Unfortunately, weather conditions in the near future do not support progress through an offensive attack today.
Alberta has one of the most robust Canadian Emergency Management models. Further, they have some of the highest trained and most experienced emergency managers in the country. The Incident Command System (ICS) is providing an interoperable Command and Control platform for joint operations between local first responders, RCMP, forest fire fighters, industry, evacuation centres, and likely the Canadian Armed Forces. Emergency Operations Centres, like the one activated at 200 Airport Road in Fort McMurray are linked through the technological solutions D-LAN, implemented after the Slave Lake Fire. The solution ensures organization of responses, ongoing situational awareness, and a common operating picture between response agencies on the ground and the levels of Emergency Operations Centres within the Province.

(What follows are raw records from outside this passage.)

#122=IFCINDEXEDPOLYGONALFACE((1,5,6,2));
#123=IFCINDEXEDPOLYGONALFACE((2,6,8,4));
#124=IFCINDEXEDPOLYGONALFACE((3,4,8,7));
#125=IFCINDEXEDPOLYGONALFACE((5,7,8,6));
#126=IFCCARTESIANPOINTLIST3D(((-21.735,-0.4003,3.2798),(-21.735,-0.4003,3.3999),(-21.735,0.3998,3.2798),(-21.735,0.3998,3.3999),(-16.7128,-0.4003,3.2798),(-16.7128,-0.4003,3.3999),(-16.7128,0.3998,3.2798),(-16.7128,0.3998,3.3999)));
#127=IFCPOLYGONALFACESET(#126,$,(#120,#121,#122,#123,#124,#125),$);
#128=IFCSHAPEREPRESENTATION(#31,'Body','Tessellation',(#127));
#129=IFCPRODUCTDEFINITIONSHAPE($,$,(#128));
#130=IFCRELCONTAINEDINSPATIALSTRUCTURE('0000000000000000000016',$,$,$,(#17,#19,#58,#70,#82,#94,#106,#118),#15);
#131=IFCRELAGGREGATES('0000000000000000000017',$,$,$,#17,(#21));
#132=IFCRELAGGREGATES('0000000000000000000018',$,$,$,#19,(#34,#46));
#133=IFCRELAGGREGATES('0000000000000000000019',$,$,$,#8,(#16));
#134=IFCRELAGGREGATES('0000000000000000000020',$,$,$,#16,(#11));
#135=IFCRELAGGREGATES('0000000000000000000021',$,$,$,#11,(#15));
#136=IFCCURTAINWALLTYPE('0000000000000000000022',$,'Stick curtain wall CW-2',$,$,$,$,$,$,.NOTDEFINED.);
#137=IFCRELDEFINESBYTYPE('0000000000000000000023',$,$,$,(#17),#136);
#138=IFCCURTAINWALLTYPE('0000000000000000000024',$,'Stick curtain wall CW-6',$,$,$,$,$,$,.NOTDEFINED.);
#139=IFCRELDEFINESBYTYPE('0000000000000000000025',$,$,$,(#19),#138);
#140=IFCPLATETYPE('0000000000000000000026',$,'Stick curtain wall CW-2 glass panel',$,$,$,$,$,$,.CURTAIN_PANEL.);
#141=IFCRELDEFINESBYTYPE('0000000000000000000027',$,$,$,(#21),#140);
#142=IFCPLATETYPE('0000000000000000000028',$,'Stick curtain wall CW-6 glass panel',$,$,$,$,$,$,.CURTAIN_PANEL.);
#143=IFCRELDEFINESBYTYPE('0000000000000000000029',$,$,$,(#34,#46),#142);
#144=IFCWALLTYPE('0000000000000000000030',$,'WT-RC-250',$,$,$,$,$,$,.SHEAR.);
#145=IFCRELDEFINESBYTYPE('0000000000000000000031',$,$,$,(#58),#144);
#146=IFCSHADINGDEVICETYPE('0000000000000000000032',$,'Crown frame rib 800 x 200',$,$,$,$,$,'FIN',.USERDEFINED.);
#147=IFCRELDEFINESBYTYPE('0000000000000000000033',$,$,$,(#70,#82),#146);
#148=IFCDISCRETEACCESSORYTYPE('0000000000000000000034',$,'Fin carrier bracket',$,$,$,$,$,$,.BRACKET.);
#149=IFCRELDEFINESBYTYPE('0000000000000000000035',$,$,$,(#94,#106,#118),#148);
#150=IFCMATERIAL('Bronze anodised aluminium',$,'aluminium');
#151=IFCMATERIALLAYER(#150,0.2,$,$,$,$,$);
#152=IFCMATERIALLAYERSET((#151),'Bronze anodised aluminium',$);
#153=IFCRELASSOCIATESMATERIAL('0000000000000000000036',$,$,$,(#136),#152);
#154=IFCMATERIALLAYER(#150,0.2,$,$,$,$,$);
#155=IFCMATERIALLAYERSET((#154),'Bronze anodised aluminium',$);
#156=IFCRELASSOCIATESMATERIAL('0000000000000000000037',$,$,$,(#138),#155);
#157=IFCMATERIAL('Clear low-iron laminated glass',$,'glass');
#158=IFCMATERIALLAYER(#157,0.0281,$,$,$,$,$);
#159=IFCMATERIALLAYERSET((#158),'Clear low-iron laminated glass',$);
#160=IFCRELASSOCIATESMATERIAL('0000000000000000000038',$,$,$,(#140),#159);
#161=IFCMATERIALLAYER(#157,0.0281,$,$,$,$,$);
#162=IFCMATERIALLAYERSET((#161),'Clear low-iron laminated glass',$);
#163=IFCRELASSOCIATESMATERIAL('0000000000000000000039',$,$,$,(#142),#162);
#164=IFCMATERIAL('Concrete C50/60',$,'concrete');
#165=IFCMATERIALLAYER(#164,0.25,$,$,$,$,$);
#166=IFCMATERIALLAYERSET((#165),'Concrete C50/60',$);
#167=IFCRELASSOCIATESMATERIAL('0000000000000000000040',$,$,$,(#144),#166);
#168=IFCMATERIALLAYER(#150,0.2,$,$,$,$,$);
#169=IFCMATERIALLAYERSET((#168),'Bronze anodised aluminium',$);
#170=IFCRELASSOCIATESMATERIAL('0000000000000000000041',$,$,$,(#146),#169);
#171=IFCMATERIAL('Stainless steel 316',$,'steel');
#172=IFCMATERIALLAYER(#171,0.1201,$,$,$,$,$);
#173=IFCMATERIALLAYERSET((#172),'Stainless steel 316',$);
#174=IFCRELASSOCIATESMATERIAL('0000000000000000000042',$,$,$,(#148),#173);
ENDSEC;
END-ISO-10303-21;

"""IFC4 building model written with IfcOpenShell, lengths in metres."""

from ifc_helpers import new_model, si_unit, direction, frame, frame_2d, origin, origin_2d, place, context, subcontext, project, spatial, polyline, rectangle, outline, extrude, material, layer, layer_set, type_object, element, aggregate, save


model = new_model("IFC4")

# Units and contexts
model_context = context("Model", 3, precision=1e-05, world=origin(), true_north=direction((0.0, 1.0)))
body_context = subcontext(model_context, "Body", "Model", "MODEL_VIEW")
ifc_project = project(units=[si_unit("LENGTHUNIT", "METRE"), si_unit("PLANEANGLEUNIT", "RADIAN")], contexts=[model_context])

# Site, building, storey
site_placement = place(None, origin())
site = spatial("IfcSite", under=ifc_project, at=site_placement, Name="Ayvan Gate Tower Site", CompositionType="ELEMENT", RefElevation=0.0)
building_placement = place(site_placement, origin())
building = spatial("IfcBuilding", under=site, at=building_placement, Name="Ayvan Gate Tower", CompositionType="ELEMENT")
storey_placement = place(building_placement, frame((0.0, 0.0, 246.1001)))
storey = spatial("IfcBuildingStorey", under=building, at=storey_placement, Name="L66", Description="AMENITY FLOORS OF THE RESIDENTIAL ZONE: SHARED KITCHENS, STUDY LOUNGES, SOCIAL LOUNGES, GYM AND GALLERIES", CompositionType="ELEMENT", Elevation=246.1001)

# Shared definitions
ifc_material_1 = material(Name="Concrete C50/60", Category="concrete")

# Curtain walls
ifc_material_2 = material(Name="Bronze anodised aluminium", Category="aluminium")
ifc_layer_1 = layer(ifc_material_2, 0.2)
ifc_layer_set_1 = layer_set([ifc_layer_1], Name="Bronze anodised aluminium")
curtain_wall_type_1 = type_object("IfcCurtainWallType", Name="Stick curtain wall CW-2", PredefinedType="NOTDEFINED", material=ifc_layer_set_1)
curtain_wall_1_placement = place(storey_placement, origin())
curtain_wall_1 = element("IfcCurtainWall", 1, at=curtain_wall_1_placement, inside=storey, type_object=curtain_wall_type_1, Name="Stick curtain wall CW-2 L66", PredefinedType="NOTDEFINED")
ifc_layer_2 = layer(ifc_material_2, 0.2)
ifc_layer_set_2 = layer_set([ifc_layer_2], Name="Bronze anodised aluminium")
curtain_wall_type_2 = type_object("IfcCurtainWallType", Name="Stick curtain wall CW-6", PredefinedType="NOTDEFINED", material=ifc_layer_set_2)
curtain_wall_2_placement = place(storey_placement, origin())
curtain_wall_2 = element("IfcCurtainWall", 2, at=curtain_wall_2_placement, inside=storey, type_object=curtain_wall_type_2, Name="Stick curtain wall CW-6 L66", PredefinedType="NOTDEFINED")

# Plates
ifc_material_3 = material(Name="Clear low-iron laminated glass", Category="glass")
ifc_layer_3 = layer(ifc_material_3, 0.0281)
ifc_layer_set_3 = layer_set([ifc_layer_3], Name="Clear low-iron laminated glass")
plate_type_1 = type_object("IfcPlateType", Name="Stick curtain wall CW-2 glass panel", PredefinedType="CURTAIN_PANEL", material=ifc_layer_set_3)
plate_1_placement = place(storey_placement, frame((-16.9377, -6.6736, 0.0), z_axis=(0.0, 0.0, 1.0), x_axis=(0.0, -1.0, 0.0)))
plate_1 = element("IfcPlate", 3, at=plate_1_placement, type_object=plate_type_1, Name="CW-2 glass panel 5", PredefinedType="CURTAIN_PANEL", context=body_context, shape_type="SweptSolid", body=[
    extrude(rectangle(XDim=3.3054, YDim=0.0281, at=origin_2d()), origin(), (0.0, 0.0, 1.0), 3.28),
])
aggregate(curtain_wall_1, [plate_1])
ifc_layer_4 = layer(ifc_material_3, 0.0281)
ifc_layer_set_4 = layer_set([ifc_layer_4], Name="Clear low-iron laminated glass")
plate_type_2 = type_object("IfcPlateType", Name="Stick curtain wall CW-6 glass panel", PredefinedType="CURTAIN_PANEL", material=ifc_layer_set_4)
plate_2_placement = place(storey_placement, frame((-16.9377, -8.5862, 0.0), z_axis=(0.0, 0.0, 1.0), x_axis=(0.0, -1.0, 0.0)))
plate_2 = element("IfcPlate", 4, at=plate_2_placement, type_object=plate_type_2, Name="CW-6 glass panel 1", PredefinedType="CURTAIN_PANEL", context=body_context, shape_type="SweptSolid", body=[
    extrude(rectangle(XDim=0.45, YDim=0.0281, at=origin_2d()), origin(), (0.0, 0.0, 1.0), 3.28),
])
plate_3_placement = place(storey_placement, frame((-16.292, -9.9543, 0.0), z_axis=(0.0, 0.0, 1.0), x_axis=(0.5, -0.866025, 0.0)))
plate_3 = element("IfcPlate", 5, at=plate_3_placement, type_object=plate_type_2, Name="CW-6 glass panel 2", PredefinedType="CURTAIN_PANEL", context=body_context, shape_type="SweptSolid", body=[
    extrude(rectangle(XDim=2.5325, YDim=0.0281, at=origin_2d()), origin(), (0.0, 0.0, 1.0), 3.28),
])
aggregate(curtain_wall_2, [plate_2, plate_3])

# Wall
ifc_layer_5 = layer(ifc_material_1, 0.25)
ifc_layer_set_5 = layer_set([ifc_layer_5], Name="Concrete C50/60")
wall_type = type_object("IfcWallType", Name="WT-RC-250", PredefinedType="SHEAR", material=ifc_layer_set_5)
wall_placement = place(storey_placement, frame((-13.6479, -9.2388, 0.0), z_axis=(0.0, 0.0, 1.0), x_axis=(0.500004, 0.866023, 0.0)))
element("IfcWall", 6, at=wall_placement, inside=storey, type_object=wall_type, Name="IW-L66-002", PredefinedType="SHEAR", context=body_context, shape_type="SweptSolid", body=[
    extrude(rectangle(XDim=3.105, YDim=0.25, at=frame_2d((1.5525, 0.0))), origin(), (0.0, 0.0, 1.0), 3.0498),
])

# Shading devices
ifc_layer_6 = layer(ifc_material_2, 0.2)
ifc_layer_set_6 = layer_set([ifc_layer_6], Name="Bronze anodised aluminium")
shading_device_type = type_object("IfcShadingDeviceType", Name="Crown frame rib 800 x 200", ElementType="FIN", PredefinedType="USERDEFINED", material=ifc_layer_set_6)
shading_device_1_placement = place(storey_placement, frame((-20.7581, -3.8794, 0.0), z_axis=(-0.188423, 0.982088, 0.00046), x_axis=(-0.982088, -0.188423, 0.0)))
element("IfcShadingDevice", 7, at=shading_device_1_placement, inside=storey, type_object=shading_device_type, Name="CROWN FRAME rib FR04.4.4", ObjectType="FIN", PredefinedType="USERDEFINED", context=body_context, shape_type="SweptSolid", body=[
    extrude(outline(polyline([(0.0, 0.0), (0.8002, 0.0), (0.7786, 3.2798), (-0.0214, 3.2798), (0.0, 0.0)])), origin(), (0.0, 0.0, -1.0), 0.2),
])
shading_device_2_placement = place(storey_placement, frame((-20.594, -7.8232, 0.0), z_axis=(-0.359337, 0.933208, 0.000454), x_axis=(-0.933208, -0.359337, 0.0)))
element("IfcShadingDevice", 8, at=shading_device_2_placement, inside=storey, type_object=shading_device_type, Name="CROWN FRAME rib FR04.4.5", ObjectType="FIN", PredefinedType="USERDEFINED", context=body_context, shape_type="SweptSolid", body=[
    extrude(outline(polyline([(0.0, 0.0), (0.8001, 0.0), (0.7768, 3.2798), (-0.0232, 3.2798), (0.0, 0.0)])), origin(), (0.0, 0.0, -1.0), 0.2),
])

This incident is a reminder that continued diligence and funding are required at all levels to ensure we are prepared at all times. Cities like Fort McMurray are well prepared with proper risk assessments, evacuation plans, integrated exercises, and partnerships between the community, industry, modern technology, and responders. Each of us needs to look at our own communities and examine whether there is more work to be done and ensure that our response capability is commensurate with the level of risk.
The citizens of Fort McMurray are a tough and resilient group. They have fuelled our nation through their hard work and resourcefulness. Our Canadian model for Emergency Management and nationwide support structure will ensure the kind wishes of Canadians become actions aiding in your recovery.
Premier Rachel Notley, Fort McMurray Mayor Melissa Blake, and Scott Long from Alberta Emergency Management are to be commended for their ongoing leadership in these challenging times.